# This is why i dont buy any more knife blocks



## Molokai (Sep 28, 2014)

The title says it all... There is no olive, bog oak and black locust burl on photo...

Reactions: Like 5 | EyeCandy! 3 | Way Cool 3


----------



## Molokai (Sep 28, 2014)

Dont know why i put it here, i followed the previous thread of organizing blanks


----------



## NYWoodturner (Sep 28, 2014)

You need to get busy and make some knives slacker!
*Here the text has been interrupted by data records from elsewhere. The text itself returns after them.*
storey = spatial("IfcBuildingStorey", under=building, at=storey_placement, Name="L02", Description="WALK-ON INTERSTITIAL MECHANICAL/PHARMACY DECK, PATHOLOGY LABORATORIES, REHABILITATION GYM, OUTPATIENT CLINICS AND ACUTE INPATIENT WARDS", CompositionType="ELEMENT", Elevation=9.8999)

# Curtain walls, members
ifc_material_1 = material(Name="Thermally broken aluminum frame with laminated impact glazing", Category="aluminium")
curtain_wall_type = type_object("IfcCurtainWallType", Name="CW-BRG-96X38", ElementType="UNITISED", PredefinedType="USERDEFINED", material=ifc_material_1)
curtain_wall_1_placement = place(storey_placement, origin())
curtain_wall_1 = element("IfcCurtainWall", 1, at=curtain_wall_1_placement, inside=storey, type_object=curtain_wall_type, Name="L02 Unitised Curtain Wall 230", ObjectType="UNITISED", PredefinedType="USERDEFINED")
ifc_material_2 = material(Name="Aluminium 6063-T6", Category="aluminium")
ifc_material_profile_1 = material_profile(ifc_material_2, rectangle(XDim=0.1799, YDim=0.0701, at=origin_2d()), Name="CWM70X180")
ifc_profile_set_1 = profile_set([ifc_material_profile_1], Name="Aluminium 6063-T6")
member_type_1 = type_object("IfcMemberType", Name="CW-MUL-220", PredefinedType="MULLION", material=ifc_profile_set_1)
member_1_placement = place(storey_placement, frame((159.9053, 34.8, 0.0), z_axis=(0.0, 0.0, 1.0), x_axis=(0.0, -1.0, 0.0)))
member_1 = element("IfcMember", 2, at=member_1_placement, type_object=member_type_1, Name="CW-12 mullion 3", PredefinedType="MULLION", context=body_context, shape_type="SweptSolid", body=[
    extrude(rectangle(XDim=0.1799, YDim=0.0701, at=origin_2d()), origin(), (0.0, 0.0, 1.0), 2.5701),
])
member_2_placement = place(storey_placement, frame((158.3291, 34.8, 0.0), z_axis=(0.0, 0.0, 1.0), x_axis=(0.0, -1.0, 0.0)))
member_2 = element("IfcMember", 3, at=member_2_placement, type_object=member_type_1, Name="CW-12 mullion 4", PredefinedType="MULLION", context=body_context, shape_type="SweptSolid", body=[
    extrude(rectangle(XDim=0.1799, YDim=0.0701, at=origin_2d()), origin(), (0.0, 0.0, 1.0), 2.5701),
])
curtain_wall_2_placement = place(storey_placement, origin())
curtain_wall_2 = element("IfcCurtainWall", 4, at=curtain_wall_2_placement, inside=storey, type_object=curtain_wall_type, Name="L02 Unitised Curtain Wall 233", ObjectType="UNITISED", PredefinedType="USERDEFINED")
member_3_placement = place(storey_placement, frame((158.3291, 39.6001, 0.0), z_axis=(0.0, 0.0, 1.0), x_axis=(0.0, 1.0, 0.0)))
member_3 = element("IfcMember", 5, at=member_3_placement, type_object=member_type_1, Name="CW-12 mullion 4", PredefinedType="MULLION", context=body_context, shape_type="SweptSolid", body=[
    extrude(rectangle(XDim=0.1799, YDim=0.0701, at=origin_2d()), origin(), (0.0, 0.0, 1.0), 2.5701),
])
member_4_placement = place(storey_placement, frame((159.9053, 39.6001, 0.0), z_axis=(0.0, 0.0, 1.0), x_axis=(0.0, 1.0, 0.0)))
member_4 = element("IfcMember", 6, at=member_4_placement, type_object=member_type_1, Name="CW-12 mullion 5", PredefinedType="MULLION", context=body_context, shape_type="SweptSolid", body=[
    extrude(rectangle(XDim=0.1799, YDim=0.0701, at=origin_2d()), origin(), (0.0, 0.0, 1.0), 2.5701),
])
Reactions: Agree 3 | Funny 1


----------



## Molokai (Sep 28, 2014)

Agree on that...


----------



## Kevin (Sep 28, 2014)

Those blocks look like candy.

Who is in your avatar? Looks like we might be kin. We should get together and conquer Europa.


----------



## Molokai (Sep 28, 2014)

its Duke Wellington, the guy who fought Napoleon and won

Reactions: Funny 2


----------



## Kevin (Sep 28, 2014)

Then we should definitely get together.

Reactions: Agree 1


----------



## Tom Smart (Sep 28, 2014)

Why don't you guys meet at Waterloo?


----------



## Kevin (Sep 28, 2014)

No I don't want any more of that.

Reactions: Funny 1


----------



## Nature Man (Sep 28, 2014)

Time for you to start gifting some of those beauties away! Chuck


----------



## Molokai (Sep 28, 2014)

Nature Man said:


> Time for you to start gifting some of those beauties away! Chuck


I only have one of each so its not easy to decide :)


----------